俺はユノと向かい合い、右手をユノの顔に持っていく。
その手をユノは両手で握り、ゆっくりと目を閉じた。
俺も眠気が来たので目を閉じる。
すると、ユノの声が聞こえた気がした。
「修······ム······イ······ル」
俺の意識は、闇に包まれた。
********************
王国へ帰還し、6匹目の龍が見つかるまで待機する。
勇者たちは城でゴージャスな生活を送り、シャオたちは早くも王妃として振る舞い始めたとか。
俺はユノと自宅へ。
親父も母さんも最初は驚いたが、すぐに馴染んだ。
まるで新しい娘のように接し、ユノも2人に懐いている。
家族で食事をし、ベッドへ。
ローラの部屋があったのに、ユノは相変わらず俺の傍に来た。
仕方なくベッドに空きを作り入れると、再びユノが言う。
「アークさん、手を貸して下さい。これが最後です。そしてこれを持ってて下さい」
「最後? なんだよこれ……?」
「お守りです。アークさんに持っていて欲しいんです」
ユノがくれたのは小さな袋。
中には透明な石が入っていた。
これまでにも何度かあった。
ベッドに入りユノに手を貸すと、いつの間にか眠っている。
俺はいつも通りに手を貸すと、やっぱり眠くなってきた。
ユノは何かをブツブツ呟くが、何を言ってるのか分からない。
「プ······更······ン······了」
やはり、気がつくと朝だった。
********************
俺はユノとデートしたり、親父たちと食事したりして休みを満喫していた。
そして、ついに6匹目の緑龍が見つかった。
驚くことに6匹目の緑龍と7匹目の白龍は同時に発見されたので、緑龍を討伐したらそのまま白龍の巣へ向かうことになった。
俺は支度をしていつもの馬車へ。
ユノも当然一緒だ。正直なところ家にいて欲しいけど。
勇者とシャオたちは俺と殆ど話さない。
事務的な会話はするが、それすら面倒くさいという感じだった。
緑龍の住処に向かうと、馬車の中は相変わらず勇者ラブの会話が繰り広げられていた。
「アークさん、辛い?」
「え?」
「彼女たち、許せない?」
まるで見透かすような眼差し。
その質問は俺の心を探るようで、俺はその瞳に吸い込まれそうな気がした。
シャオたちを許せない気持ちは確かにある。
だけど、俺は諦めきれない。小さい頃からずっと一緒だったのに、ぽっと出の勇者に全て奪われたことを認められないのかもしれない。

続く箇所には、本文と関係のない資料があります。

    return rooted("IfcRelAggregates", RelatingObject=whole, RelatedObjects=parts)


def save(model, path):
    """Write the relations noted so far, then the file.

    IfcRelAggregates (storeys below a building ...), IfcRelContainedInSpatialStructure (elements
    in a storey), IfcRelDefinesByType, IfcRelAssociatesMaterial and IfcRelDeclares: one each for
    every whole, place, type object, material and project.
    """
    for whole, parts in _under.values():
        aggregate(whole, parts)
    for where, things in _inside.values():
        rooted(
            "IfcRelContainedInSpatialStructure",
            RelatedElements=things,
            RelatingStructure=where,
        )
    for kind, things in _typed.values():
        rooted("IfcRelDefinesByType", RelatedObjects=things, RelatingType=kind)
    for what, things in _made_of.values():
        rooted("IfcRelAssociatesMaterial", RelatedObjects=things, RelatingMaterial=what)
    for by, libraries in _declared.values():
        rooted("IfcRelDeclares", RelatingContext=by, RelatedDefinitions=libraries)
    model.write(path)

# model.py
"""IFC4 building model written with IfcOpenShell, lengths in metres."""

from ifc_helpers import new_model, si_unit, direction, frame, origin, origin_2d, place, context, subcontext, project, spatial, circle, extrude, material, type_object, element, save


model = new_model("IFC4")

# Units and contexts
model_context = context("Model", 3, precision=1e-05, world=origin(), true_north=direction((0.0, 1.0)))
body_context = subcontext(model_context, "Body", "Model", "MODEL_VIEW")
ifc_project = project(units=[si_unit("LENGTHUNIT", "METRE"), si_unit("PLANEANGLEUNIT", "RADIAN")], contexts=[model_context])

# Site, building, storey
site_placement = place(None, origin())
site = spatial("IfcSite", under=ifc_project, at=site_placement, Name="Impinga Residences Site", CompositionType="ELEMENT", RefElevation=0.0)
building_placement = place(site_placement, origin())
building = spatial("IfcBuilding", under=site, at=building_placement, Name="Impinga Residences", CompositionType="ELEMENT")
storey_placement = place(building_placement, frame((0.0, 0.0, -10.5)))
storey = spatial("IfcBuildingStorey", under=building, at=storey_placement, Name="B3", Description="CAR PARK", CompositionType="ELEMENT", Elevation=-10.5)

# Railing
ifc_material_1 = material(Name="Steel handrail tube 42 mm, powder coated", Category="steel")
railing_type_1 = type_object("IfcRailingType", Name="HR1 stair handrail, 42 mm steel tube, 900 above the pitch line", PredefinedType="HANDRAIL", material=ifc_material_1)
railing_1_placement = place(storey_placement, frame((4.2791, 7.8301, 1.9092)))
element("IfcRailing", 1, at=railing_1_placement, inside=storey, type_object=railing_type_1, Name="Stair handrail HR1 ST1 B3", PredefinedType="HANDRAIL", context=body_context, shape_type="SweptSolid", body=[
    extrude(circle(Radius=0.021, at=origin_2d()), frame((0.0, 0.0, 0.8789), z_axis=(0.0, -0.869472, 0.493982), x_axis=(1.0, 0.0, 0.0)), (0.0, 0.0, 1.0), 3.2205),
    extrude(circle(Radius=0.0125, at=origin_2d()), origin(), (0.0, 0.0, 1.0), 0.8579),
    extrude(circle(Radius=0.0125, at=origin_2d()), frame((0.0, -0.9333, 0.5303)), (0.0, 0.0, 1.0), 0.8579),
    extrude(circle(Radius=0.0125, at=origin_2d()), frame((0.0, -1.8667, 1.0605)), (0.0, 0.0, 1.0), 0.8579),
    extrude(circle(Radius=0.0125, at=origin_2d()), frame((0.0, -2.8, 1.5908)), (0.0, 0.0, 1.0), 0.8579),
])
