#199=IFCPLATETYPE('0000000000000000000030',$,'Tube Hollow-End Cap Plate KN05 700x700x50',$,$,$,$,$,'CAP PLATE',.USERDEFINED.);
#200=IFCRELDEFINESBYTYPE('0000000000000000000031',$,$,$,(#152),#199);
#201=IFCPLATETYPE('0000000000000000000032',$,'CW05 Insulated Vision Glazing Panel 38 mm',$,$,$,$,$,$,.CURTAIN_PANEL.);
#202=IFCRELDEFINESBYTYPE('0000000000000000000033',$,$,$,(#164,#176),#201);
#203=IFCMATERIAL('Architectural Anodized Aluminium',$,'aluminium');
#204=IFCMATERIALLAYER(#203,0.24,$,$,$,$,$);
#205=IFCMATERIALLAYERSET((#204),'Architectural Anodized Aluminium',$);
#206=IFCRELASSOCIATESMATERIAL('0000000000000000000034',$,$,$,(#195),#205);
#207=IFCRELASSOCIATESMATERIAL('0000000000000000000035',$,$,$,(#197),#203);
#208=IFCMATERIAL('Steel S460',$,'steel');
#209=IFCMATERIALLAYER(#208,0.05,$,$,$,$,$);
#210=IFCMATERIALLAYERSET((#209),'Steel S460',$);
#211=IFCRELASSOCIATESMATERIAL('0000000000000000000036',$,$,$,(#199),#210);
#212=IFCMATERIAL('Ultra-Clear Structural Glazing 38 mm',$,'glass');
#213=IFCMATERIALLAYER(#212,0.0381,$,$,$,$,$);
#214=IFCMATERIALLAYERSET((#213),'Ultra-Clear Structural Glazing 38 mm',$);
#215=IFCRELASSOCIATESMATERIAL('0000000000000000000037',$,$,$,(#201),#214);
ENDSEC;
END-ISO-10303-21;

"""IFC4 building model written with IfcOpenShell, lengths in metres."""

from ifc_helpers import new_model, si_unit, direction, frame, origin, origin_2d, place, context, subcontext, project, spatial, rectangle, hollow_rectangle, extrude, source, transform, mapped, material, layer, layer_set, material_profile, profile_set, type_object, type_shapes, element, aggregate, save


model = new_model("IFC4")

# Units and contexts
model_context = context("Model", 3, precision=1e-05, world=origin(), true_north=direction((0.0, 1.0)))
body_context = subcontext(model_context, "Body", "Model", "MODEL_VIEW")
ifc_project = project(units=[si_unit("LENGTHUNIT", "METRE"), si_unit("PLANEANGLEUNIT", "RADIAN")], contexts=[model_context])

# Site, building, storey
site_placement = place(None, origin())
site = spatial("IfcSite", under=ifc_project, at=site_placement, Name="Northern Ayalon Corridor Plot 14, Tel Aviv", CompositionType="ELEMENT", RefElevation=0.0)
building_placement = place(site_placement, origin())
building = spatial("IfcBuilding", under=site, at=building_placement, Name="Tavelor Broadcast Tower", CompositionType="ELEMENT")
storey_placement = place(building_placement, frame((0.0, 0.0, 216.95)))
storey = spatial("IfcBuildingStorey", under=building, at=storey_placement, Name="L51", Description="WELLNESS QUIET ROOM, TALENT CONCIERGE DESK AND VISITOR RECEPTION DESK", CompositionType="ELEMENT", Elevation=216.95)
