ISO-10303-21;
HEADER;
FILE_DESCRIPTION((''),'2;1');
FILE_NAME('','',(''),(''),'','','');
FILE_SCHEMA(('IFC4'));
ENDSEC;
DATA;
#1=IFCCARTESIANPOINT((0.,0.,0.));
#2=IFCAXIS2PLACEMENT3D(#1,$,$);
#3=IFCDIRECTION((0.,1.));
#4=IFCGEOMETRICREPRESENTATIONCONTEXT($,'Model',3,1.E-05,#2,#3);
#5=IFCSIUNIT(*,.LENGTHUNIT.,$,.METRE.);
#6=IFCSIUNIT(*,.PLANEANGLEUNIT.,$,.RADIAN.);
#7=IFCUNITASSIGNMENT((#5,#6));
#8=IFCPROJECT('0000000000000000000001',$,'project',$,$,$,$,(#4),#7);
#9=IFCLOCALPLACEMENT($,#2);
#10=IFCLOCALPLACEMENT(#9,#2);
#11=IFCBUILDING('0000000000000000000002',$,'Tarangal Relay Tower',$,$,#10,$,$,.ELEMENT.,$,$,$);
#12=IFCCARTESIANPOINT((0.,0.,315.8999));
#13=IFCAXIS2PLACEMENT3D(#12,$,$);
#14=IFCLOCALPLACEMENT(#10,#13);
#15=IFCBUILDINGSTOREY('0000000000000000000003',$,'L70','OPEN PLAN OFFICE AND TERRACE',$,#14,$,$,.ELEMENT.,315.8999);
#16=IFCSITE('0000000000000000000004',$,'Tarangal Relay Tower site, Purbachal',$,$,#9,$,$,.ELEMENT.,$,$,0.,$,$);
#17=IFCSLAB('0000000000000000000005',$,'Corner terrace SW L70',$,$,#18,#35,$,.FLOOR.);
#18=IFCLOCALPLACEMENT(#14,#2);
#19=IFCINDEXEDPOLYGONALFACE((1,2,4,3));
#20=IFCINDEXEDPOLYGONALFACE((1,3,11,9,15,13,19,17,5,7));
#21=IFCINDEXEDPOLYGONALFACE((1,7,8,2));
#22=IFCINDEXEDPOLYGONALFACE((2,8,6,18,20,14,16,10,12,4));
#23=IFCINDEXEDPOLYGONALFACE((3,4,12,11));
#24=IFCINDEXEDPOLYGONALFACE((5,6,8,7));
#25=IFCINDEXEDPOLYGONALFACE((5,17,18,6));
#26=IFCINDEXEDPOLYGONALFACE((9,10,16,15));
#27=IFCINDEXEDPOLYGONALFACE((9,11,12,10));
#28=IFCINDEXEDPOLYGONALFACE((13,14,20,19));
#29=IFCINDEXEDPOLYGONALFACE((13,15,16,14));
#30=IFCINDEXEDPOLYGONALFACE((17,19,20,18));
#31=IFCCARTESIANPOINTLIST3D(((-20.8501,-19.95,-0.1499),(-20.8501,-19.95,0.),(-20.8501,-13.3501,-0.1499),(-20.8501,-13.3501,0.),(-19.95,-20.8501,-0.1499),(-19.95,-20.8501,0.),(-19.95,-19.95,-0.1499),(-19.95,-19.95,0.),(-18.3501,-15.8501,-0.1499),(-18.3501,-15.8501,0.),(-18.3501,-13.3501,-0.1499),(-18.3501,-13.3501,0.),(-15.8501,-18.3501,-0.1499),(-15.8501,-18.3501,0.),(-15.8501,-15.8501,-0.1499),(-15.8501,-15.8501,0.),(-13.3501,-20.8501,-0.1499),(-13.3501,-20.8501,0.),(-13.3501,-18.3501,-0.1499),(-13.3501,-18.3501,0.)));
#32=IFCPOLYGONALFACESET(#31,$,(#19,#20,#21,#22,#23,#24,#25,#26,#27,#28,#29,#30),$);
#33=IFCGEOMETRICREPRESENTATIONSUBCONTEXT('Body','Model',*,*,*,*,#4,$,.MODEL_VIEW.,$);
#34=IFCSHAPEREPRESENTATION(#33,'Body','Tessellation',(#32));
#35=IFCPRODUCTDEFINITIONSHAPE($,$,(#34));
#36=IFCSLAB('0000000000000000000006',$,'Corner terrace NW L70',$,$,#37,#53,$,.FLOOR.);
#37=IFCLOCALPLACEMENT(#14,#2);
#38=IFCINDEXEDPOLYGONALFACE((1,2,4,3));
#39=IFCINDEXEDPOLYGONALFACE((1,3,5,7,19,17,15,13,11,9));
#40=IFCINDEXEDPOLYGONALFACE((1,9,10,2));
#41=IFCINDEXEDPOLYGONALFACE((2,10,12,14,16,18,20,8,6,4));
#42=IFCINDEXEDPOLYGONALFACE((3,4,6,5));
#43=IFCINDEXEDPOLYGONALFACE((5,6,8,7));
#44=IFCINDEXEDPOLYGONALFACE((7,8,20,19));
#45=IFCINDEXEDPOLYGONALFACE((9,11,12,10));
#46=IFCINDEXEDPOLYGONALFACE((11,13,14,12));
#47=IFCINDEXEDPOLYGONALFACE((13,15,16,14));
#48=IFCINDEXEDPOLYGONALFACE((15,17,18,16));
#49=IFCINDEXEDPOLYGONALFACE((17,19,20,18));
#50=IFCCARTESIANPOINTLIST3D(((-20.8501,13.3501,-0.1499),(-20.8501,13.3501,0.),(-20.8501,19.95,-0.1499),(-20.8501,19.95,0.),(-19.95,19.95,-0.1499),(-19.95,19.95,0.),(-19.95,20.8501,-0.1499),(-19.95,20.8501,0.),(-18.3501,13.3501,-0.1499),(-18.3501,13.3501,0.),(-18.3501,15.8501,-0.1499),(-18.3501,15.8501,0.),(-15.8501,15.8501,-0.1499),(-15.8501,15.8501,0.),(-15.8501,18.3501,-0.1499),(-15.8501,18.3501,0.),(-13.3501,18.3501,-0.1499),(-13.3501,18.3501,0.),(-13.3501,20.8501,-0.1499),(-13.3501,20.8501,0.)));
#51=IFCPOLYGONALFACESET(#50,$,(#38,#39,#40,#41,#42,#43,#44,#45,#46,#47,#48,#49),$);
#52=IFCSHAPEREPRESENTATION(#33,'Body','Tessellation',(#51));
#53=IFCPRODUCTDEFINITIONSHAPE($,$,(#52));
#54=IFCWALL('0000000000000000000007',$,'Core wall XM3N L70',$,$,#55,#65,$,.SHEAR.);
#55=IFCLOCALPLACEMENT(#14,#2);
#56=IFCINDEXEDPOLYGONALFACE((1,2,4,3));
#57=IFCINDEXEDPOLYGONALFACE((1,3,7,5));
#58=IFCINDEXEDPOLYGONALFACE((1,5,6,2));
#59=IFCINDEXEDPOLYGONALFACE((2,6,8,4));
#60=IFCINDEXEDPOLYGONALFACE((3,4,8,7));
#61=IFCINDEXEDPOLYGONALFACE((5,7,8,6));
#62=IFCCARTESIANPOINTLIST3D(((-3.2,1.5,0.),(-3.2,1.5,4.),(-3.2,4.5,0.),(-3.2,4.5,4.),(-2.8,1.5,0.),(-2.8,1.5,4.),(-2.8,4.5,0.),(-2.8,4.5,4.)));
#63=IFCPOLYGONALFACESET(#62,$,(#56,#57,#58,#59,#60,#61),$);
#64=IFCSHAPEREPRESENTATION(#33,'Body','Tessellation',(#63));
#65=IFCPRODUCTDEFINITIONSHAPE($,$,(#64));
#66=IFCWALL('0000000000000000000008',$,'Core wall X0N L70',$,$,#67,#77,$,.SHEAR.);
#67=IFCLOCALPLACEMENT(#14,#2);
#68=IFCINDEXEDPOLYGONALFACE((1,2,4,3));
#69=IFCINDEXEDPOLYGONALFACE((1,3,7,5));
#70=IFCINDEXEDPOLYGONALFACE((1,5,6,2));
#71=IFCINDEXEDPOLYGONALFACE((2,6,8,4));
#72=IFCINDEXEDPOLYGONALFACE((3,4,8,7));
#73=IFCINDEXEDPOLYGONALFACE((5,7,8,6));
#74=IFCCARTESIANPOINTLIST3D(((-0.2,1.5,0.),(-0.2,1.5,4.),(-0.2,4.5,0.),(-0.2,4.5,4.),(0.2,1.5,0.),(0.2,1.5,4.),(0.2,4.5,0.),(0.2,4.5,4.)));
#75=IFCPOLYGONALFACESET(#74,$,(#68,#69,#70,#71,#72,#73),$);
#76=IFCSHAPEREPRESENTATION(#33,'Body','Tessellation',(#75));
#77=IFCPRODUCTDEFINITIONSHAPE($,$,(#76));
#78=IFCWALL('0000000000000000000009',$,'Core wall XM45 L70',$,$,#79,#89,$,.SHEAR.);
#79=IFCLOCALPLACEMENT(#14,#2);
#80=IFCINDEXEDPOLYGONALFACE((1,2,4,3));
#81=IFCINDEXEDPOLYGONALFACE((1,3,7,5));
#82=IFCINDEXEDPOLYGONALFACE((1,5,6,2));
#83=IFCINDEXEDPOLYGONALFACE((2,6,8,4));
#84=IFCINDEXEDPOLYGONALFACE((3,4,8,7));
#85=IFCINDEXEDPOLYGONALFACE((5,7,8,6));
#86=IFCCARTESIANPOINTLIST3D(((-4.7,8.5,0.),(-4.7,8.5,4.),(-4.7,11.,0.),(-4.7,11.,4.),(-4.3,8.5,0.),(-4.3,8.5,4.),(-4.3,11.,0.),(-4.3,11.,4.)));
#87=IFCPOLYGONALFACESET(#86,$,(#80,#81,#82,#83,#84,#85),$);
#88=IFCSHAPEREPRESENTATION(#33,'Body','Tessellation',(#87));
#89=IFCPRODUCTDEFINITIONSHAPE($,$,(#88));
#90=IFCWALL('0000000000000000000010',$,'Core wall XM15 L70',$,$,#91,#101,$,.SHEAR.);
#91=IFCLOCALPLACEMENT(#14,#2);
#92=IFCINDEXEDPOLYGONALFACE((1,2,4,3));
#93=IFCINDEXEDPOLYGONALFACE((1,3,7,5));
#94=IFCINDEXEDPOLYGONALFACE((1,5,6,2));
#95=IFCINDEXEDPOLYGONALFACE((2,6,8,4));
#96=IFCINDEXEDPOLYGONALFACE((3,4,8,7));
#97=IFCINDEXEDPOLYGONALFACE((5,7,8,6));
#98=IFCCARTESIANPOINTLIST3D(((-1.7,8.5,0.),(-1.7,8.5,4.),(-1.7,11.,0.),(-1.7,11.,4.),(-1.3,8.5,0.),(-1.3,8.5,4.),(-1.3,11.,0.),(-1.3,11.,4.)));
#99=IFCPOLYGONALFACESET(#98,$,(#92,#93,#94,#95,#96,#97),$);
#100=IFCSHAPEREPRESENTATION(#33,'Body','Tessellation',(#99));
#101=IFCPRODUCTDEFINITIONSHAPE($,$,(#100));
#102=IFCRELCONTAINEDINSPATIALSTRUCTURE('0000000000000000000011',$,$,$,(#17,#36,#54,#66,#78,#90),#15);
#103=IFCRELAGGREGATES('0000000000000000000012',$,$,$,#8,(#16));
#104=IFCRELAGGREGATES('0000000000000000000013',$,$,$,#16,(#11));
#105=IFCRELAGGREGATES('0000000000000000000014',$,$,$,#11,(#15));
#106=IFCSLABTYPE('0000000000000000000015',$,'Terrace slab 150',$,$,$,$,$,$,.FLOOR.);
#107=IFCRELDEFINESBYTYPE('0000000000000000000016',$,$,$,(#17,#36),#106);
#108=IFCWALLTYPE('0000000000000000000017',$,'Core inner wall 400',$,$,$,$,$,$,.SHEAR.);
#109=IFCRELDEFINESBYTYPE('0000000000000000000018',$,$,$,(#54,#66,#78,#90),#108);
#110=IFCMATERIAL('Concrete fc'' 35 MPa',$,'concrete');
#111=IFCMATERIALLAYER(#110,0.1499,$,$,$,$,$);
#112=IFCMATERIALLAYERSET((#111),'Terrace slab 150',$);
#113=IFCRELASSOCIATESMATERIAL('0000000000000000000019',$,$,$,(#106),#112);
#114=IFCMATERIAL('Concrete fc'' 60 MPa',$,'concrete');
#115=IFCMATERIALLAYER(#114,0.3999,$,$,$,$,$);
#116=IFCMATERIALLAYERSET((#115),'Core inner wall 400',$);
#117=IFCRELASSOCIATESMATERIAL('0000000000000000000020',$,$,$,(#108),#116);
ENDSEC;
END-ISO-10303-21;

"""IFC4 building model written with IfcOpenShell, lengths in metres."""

from ifc_helpers import new_model, si_unit, direction, frame, frame_2d, origin, place, context, subcontext, project, spatial, polyline, rectangle, outline, extrude, material, layer, layer_set, type_object, element, save


model = new_model("IFC4")

# Units and contexts
model_context = context("Model", 3, precision=1e-05, world=origin(), true_north=direction((0.0, 1.0)))
body_context = subcontext(model_context, "Body", "Model", "MODEL_VIEW")
ifc_project = project(units=[si_unit("LENGTHUNIT", "METRE"), si_unit("PLANEANGLEUNIT", "RADIAN")], contexts=[model_context])

# Site, building, storey
site_placement = place(None, origin())
site = spatial("IfcSite", under=ifc_project, at=site_placement, Name="Tarangal Relay Tower site, Purbachal", CompositionType="ELEMENT", RefElevation=0.0)
building_placement = place(site_placement, origin())
building = spatial("IfcBuilding", under=site, at=building_placement, Name="Tarangal Relay Tower", CompositionType="ELEMENT")
storey_placement = place(building_placement, frame((0.0, 0.0, 315.8999)))
storey = spatial("IfcBuildingStorey", under=building, at=storey_placement, Name="L70", Description="OPEN PLAN OFFICE AND TERRACE", CompositionType="ELEMENT", Elevation=315.8999)

# Slabs
ifc_material_1 = material(Name="Concrete fc' 35 MPa", Category="concrete")
ifc_layer_1 = layer(ifc_material_1, 0.1499)
ifc_layer_set_1 = layer_set([ifc_layer_1], Name="Terrace slab 150")
slab_type_1 = type_object("IfcSlabType", Name="Terrace slab 150", PredefinedType="FLOOR", material=ifc_layer_set_1)
slab_1_placement = place(storey_placement, frame((0.0, 0.0, -0.1499)))
element("IfcSlab", 1, at=slab_1_placement, inside=storey, type_object=slab_type_1, Name="Corner terrace SW L70", PredefinedType="FLOOR", context=body_context, shape_type="SweptSolid", body=[
    extrude(outline(polyline([(-13.3501, -20.8501), (-13.3501, -18.3501), (-15.8501, -18.3501), (-15.8501, -15.8501), (-18.3501, -15.8501), (-18.3501, -13.3501), (-20.8501, -13.3501), (-20.8501, -19.95), (-19.95, -19.95), (-19.95, -20.8501), (-13.3501, -20.8501)])), origin(), (0.0, 0.0, 1.0), 0.1499),
])
slab_2_placement = place(storey_placement, frame((0.0, 0.0, -0.1499)))
element("IfcSlab", 2, at=slab_2_placement, inside=storey, type_object=slab_type_1, Name="Corner terrace NW L70", PredefinedType="FLOOR", context=body_context, shape_type="SweptSolid", body=[
    extrude(outline(polyline([(-20.8501, 13.3501), (-18.3501, 13.3501), (-18.3501, 15.8501), (-15.8501, 15.8501), (-15.8501, 18.3501), (-13.3501, 18.3501), (-13.3501, 20.8501), (-19.95, 20.8501), (-19.95, 19.95), (-20.8501, 19.95), (-20.8501, 13.3501)])), origin(), (0.0, 0.0, 1.0), 0.1499),
])

# Walls
ifc_material_2 = material(Name="Concrete fc' 60 MPa", Category="concrete")
ifc_layer_2 = layer(ifc_material_2, 0.3999)
ifc_layer_set_2 = layer_set([ifc_layer_2], Name="Core inner wall 400")
wall_type = type_object("IfcWallType", Name="Core inner wall 400", PredefinedType="SHEAR", material=ifc_layer_set_2)
for number, where, z_axis, x_axis, name in (
    (3, (-3.0, 1.5, 0.0), (0.0, 0.0, 1.0), (0.0, 1.0, 0.0), "Core wall XM3N L70"),
    (4, (0.0, 1.5, 0.0), (0.0, 0.0, 1.0), (0.0, 1.0, 0.0), "Core wall X0N L70"),
):
    element("IfcWall", number, at=place(storey_placement, frame(where, z_axis=z_axis, x_axis=x_axis)), inside=storey, type_object=wall_type, Name=name, PredefinedType="SHEAR", context=body_context, shape_type="SweptSolid", body=[
        extrude(rectangle(XDim=3.0, YDim=0.3999, at=frame_2d((1.5, 0.0))), origin(), (0.0, 0.0, 1.0), 4.0),
    ])
for number, where, z_axis, x_axis, name in (
    (5, (-4.5, 8.5, 0.0), (0.0, 0.0, 1.0), (0.0, 1.0, 0.0), "Core wall XM45 L70"),
    (6, (-1.5, 8.5, 0.0), (0.0, 0.0, 1.0), (0.0, 1.0, 0.0), "Core wall XM15 L70"),
):
    element("IfcWall", number, at=place(storey_placement, frame(where, z_axis=z_axis, x_axis=x_axis)), inside=storey, type_object=wall_type, Name=name, PredefinedType="SHEAR", context=body_context, shape_type="SweptSolid", body=[
        extrude(rectangle(XDim=2.5, YDim=0.3999, at=frame_2d((1.25, 0.0))), origin(), (0.0, 0.0, 1.0), 4.0),
    ])

save(model, "model.ifc")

我ながら現実を見ていない。勇者が現れて1年にもなるのに。
俺は俯いていると、ユノが言う。
「アークさん、緑龍を倒したら大事なお話があります」
「話? 今じゃダメなのか?」
「はい。2人きりでお願いします」
いつになく真剣なユノ。
俺は首を傾げつつ、緑龍の住処へ向かう。
緑龍の住処は小さな森を抜けた先にある岩石地帯で、森の中はユノのスキルで魔獣は現れないはずだった。
そう、魔獣は。
「な、な、な······なんで、緑龍が⁉」
だからこそ、森の中に緑龍が居るなんて考えもしなかった。
********************
俺は馬車を止め、叫んだ。
「緑龍だ‼ 降りろっ‼」
勇者たちはようやく気付き外を見る。
目の前に居たのはガマガエルに翼が生えた化物。
口を大きく開け、何かを放とうとしている。
「盾よっ‼」
俺は3枚の盾を展開し、馬車を守るように前に並べる。
だが、龍の前には無意味だ。精々時間稼ぎ。
だからこそ俺はユノを抱きしめ、馬車から飛び降りようとして……聞いた。
「アーク、そのままだっ‼」
【ルート3】**********************
やかましい。
とにかくユノだけは守ってみせる!!
「ユノっ‼」
「アークさんっ」
次の瞬間、緑龍のブレスが俺とユノを襲い、俺の盾が粉砕される。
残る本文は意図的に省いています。